Posted in BDSM, Evil Twins, The Five Ps.

4 Responses to “Thank you, BDSM”

  1. pixieblue Says:

    Mmm…wow. I love reading your posts.

  2. Myles Says:

    This post had me grinning. I can completely understand the difference, as it sounded like you were describing me. Plain old vanilla sex… eh.. whatever. It’s pleasant, but so is a hot bath, a good book, or curling up to watch a movie.

    Sex with D/s, and in my case, sadism–Oh hell yeah. Swing from the chandeliers, more more more!

    Kink is your friend!

  3. undertheboot Says:

    Mmm…wow. I love reading your posts.

    Thank you! It makes me happy that people are enjoying what I write, but it’s so weird to me that I can be this honest and people aren’t scared off.
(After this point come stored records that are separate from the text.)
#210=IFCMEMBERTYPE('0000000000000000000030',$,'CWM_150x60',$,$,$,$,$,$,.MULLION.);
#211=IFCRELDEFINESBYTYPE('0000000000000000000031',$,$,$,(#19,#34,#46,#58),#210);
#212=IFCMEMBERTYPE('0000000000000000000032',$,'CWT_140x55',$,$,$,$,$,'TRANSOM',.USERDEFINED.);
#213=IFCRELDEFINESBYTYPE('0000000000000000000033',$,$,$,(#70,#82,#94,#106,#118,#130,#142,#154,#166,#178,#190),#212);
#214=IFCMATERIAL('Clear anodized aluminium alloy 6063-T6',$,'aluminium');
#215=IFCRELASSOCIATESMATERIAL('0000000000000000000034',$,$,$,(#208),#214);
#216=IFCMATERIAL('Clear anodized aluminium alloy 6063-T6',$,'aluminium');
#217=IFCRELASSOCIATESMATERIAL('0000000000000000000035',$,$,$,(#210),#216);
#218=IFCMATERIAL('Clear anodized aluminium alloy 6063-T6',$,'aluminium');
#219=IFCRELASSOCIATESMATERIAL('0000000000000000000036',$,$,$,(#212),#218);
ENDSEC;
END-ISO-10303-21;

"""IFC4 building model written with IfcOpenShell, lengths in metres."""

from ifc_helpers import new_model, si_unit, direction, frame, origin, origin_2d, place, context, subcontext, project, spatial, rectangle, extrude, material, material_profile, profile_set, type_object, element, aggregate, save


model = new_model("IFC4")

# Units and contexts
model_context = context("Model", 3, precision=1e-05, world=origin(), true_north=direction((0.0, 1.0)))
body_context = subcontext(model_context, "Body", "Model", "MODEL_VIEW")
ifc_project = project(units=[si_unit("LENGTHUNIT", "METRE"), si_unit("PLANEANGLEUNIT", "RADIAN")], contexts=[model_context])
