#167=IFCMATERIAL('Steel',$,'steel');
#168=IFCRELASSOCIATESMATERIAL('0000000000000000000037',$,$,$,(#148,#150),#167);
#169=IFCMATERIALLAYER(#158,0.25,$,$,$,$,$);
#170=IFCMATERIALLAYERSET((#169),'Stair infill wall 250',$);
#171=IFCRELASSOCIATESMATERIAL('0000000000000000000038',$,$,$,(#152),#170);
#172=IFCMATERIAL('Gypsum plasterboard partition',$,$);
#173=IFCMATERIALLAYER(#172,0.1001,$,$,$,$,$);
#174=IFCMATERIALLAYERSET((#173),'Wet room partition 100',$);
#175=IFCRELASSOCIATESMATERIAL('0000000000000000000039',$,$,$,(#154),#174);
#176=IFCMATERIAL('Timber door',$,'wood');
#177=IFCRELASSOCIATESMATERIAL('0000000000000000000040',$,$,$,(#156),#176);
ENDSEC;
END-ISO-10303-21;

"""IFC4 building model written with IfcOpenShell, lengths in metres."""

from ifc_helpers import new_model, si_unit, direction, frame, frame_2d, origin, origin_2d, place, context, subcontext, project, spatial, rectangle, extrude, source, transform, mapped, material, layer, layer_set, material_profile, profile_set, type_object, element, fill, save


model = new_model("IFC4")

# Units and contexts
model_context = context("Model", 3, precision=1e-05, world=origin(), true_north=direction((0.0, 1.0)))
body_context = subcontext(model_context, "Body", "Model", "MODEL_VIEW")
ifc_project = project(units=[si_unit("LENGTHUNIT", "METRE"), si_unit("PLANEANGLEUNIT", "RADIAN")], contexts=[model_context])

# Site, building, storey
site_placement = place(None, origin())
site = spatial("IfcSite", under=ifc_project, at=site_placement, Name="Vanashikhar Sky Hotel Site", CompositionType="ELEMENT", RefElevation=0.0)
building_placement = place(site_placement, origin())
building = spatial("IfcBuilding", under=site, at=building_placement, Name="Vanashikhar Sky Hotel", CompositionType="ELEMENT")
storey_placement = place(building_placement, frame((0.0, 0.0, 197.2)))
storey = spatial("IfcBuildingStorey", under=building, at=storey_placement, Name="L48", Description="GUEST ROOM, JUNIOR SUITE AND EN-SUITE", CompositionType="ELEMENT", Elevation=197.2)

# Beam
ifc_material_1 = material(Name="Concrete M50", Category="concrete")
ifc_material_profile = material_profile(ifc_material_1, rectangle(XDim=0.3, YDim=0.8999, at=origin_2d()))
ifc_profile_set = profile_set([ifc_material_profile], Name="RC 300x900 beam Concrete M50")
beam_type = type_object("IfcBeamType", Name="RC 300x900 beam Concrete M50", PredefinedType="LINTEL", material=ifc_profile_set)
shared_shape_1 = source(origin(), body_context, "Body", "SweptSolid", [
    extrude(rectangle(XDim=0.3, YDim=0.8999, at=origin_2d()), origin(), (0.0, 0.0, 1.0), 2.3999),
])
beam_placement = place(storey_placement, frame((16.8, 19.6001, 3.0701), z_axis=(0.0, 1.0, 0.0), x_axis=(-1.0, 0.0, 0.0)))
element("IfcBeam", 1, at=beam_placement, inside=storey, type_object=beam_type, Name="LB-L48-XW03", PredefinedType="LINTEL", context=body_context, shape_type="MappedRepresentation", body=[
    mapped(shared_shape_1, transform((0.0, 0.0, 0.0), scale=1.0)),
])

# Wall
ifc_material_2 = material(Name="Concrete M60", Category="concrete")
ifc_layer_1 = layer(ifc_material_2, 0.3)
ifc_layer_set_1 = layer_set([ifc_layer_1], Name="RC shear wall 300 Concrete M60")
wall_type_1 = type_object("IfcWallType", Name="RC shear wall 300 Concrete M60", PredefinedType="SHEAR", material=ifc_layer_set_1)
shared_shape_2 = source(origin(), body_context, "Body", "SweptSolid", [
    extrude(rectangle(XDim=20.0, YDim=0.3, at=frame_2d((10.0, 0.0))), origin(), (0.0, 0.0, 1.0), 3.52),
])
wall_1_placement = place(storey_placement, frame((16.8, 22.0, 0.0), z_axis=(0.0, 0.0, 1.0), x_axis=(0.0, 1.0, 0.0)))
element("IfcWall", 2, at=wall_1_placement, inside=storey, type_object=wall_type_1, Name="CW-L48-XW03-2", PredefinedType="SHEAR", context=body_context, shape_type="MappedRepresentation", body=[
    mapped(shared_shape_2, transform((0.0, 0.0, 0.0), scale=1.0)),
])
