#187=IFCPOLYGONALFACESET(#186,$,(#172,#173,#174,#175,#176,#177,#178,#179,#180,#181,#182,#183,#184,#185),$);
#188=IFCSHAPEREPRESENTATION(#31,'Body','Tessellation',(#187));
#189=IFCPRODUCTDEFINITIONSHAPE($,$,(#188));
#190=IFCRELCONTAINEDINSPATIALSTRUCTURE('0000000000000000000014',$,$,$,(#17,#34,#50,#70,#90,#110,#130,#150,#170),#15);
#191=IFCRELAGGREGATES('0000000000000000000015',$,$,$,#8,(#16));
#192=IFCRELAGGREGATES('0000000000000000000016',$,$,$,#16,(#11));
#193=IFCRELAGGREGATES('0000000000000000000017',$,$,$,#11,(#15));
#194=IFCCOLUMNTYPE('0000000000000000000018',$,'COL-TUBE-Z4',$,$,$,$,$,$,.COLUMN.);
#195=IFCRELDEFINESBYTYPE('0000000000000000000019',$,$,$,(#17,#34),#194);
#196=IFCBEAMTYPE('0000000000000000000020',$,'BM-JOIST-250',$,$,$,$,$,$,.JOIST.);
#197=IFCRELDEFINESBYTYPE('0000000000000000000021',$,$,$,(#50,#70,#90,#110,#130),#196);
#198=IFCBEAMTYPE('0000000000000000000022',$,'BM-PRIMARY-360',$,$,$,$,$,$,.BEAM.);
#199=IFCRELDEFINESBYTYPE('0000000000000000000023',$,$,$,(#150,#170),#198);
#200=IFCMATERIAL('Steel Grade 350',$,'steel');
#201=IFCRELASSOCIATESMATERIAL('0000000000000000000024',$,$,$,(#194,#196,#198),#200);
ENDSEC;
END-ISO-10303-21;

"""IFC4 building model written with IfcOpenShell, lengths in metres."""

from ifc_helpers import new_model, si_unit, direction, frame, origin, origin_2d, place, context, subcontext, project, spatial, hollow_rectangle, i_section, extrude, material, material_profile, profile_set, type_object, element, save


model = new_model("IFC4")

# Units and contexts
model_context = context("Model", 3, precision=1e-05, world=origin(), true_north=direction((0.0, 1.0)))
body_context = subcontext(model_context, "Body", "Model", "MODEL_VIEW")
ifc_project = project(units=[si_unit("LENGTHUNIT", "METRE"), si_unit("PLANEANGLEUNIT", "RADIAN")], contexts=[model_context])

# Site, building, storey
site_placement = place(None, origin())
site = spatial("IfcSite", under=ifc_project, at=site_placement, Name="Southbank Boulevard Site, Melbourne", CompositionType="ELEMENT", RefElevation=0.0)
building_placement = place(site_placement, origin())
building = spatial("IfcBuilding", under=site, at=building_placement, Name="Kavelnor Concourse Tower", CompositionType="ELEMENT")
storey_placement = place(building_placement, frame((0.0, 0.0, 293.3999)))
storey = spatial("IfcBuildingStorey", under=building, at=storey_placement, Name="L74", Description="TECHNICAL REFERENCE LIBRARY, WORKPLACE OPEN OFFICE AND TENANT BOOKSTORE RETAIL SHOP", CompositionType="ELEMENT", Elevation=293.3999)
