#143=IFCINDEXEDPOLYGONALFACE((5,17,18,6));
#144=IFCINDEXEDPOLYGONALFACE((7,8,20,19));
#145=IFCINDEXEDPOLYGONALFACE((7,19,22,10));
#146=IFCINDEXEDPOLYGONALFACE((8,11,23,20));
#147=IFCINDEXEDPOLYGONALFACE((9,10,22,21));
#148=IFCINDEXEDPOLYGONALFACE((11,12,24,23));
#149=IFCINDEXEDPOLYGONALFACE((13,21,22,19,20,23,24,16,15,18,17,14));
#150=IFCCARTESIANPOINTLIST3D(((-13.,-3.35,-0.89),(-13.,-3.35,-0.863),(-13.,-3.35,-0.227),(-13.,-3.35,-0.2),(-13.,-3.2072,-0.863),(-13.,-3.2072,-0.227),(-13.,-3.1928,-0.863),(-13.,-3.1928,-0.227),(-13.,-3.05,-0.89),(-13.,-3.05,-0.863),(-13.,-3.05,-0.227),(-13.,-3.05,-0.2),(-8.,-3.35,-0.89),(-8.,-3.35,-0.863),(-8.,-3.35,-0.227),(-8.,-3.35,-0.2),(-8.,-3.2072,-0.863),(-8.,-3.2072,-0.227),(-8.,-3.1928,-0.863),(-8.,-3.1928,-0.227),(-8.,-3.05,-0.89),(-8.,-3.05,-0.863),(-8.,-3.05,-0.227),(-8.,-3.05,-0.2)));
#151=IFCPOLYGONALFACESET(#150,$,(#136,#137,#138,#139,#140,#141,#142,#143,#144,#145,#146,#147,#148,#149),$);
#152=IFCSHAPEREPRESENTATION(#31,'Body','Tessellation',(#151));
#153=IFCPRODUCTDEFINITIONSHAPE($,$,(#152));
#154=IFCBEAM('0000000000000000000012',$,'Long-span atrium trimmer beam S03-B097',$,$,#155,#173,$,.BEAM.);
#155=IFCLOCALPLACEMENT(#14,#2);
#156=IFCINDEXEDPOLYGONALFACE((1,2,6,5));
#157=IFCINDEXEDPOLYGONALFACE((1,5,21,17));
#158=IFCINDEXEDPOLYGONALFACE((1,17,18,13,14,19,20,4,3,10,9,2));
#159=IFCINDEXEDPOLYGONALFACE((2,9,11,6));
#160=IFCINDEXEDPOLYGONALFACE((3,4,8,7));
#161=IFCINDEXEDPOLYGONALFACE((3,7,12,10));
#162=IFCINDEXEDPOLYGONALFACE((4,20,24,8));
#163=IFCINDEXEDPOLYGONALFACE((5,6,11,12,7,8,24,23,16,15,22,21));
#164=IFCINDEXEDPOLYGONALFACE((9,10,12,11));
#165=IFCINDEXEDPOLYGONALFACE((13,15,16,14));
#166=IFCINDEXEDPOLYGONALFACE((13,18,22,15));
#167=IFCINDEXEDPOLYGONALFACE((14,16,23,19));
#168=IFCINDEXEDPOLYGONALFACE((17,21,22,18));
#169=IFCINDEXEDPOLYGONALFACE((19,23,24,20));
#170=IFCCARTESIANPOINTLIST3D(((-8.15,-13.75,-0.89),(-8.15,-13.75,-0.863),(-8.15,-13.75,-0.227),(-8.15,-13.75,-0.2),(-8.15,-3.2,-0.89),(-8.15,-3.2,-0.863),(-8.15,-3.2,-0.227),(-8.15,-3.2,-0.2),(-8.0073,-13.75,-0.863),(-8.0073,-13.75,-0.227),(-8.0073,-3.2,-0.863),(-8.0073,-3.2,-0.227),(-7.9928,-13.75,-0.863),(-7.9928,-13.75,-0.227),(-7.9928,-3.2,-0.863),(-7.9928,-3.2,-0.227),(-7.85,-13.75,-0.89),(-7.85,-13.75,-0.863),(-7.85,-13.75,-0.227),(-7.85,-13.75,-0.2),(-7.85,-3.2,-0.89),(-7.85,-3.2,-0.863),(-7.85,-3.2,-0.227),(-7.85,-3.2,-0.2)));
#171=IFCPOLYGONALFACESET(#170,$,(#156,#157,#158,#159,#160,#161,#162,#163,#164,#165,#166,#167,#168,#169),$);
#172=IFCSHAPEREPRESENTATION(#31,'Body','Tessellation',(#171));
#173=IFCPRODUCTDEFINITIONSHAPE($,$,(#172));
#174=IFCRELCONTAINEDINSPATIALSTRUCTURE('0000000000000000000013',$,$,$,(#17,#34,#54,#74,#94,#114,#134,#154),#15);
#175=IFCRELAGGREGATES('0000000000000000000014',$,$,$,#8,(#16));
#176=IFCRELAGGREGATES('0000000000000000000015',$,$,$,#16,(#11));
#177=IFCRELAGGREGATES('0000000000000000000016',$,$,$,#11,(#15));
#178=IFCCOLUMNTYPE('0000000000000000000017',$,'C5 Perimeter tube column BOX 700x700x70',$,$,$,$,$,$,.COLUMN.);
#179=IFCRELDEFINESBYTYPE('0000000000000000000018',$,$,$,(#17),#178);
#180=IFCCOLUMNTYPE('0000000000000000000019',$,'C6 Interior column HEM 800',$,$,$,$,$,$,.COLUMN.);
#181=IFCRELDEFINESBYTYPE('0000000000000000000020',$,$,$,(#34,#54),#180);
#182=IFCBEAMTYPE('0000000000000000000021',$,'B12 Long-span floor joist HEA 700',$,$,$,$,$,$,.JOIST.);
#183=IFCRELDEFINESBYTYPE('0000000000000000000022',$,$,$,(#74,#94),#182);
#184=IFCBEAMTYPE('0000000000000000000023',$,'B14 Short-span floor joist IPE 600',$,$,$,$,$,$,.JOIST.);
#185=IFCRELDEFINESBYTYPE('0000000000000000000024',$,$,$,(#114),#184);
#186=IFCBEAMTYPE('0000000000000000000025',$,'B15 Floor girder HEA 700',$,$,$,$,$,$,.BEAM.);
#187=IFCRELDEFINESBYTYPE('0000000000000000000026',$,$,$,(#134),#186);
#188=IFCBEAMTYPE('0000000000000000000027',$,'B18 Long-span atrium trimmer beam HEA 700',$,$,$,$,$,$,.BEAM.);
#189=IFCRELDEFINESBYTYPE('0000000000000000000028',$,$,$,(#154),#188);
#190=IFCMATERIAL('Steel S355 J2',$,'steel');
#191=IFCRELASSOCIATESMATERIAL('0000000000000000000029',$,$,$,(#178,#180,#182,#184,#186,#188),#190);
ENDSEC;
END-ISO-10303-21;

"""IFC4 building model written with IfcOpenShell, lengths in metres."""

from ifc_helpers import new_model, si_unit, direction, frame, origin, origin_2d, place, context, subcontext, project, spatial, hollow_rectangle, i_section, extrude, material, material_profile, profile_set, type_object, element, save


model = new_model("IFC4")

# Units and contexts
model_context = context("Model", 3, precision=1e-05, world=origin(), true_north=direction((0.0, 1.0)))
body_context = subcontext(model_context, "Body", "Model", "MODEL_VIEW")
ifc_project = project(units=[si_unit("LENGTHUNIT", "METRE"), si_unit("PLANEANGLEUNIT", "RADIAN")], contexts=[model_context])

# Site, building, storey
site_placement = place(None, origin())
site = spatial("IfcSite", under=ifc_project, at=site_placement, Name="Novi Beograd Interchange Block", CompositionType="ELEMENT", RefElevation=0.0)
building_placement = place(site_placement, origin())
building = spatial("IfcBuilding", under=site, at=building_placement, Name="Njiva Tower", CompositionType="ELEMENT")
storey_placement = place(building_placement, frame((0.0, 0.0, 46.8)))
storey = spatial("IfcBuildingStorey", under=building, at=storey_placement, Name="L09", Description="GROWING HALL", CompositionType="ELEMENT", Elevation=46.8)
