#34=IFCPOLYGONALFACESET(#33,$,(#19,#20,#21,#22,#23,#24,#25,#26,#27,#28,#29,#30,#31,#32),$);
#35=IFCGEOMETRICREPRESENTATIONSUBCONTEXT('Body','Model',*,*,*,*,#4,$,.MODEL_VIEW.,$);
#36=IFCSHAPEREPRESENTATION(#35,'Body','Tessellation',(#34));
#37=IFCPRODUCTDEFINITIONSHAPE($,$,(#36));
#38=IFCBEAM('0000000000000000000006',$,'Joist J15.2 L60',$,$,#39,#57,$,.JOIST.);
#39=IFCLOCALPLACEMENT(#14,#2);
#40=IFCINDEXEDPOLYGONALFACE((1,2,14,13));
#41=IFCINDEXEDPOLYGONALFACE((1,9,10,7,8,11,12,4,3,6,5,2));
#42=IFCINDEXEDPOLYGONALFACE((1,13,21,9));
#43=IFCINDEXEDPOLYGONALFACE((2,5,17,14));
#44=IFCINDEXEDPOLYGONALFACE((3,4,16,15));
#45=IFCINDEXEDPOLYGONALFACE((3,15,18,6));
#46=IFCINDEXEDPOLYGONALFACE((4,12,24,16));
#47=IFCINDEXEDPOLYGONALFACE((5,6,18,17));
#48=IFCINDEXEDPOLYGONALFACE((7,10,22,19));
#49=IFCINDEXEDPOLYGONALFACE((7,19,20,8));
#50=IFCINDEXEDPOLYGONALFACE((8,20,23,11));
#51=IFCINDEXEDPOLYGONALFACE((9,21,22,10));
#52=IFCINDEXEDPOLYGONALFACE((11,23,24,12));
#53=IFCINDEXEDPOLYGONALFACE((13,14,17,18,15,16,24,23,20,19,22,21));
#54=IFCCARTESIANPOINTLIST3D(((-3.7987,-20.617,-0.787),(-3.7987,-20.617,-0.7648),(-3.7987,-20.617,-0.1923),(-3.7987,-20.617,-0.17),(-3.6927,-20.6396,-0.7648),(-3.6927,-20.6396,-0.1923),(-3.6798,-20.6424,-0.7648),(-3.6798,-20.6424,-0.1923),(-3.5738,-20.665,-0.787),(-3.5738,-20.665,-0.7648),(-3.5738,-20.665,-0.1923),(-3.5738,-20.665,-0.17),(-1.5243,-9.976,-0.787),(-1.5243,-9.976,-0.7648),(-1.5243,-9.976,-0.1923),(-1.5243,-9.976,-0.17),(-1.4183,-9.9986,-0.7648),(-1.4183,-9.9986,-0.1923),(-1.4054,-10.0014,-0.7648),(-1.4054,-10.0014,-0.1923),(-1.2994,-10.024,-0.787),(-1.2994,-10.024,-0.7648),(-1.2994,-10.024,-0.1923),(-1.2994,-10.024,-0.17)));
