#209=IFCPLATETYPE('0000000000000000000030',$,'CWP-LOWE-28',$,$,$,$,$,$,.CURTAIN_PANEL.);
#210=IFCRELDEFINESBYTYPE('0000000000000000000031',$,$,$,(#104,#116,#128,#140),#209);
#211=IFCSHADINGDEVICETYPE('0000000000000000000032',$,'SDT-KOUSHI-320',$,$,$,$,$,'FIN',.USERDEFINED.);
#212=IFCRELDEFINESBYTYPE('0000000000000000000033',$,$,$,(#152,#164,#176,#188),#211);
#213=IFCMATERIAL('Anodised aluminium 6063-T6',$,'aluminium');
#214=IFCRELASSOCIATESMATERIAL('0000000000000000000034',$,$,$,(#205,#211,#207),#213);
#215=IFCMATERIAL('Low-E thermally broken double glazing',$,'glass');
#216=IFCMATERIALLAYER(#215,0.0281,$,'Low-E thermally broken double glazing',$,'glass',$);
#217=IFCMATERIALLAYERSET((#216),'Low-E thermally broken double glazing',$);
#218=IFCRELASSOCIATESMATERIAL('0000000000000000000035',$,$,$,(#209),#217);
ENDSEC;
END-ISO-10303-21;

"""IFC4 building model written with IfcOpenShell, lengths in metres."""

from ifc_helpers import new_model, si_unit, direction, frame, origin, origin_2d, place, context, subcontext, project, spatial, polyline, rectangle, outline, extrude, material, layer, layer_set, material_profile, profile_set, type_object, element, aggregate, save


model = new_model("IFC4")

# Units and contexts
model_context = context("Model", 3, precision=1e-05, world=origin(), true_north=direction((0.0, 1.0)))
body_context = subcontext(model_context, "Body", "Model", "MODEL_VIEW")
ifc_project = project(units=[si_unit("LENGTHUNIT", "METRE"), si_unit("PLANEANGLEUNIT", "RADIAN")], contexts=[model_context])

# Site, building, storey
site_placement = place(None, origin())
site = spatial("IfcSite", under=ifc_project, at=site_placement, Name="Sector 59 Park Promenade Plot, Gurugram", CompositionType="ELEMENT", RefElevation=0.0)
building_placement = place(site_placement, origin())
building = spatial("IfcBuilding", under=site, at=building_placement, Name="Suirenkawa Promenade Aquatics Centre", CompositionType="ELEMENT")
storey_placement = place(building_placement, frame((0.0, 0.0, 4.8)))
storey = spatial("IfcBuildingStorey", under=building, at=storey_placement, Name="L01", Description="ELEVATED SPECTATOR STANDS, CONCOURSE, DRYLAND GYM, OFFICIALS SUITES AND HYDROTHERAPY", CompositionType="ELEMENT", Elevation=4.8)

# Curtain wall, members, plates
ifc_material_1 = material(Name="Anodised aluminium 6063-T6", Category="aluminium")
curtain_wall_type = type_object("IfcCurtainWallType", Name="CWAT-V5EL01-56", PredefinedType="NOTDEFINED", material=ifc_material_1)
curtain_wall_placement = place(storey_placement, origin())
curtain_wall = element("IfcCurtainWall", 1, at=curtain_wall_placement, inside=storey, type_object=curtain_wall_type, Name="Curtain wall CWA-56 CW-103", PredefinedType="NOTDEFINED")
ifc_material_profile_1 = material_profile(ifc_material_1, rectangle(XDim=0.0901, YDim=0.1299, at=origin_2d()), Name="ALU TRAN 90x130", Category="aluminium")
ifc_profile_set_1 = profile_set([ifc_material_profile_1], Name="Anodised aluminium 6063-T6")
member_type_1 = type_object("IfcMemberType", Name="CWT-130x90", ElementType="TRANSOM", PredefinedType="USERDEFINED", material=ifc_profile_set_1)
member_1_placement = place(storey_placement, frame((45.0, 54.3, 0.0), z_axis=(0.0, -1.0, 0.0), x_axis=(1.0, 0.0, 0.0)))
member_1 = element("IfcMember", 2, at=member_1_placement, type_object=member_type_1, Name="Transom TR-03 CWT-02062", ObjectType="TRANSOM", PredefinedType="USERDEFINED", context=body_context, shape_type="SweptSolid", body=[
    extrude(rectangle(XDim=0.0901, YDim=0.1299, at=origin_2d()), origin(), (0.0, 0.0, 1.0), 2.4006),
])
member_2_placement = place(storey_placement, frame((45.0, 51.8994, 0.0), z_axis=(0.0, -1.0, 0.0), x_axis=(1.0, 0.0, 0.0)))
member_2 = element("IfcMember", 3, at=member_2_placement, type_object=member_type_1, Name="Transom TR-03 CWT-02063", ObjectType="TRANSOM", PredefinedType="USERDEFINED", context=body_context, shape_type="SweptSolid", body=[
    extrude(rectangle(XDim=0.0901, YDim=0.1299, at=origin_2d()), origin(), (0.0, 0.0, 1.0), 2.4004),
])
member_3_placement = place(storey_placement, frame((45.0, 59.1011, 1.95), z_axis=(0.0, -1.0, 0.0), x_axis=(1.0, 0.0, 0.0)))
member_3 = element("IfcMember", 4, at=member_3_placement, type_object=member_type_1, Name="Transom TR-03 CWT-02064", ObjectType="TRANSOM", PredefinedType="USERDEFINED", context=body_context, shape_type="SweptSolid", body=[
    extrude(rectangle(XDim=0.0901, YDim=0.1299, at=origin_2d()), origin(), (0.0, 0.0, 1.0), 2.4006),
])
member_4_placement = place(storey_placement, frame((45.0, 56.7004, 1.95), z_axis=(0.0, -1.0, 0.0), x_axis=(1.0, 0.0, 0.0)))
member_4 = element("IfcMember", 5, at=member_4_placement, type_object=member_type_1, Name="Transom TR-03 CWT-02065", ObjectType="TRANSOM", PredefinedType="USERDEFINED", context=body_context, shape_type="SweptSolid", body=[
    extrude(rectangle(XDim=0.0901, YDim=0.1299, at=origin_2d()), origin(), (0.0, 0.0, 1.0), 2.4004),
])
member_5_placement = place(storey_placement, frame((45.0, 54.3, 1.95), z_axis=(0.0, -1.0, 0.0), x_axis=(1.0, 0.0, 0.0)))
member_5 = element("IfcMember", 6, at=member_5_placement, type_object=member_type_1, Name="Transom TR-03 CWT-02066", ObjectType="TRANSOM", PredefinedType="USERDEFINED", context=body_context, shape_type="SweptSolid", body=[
    This post had me grinning. I can completely understand the difference, as it sounded like you were describing me. Plain old vanilla sex… eh.. whatever. It’s pleasant, but so is a hot bath, a good book, or curling up to watch a movie.

    Sex with D/s, and in my case, sadism–Oh hell yeah. Swing from the chandeliers, more more more!

    Kink is your friend!

    Oh, yes it is. After my wife read this entry, she told me, “I feel bad about the way I was, but being your Mistress just changed the way I look and feel about sex. I can’t get enough. It’s like the new me and old me are separate people.” And it’s true. It’s so hard to reconcile the two sides of her.

  4. segundavidaloca Says:

    I’m grinning …that’s all I can say!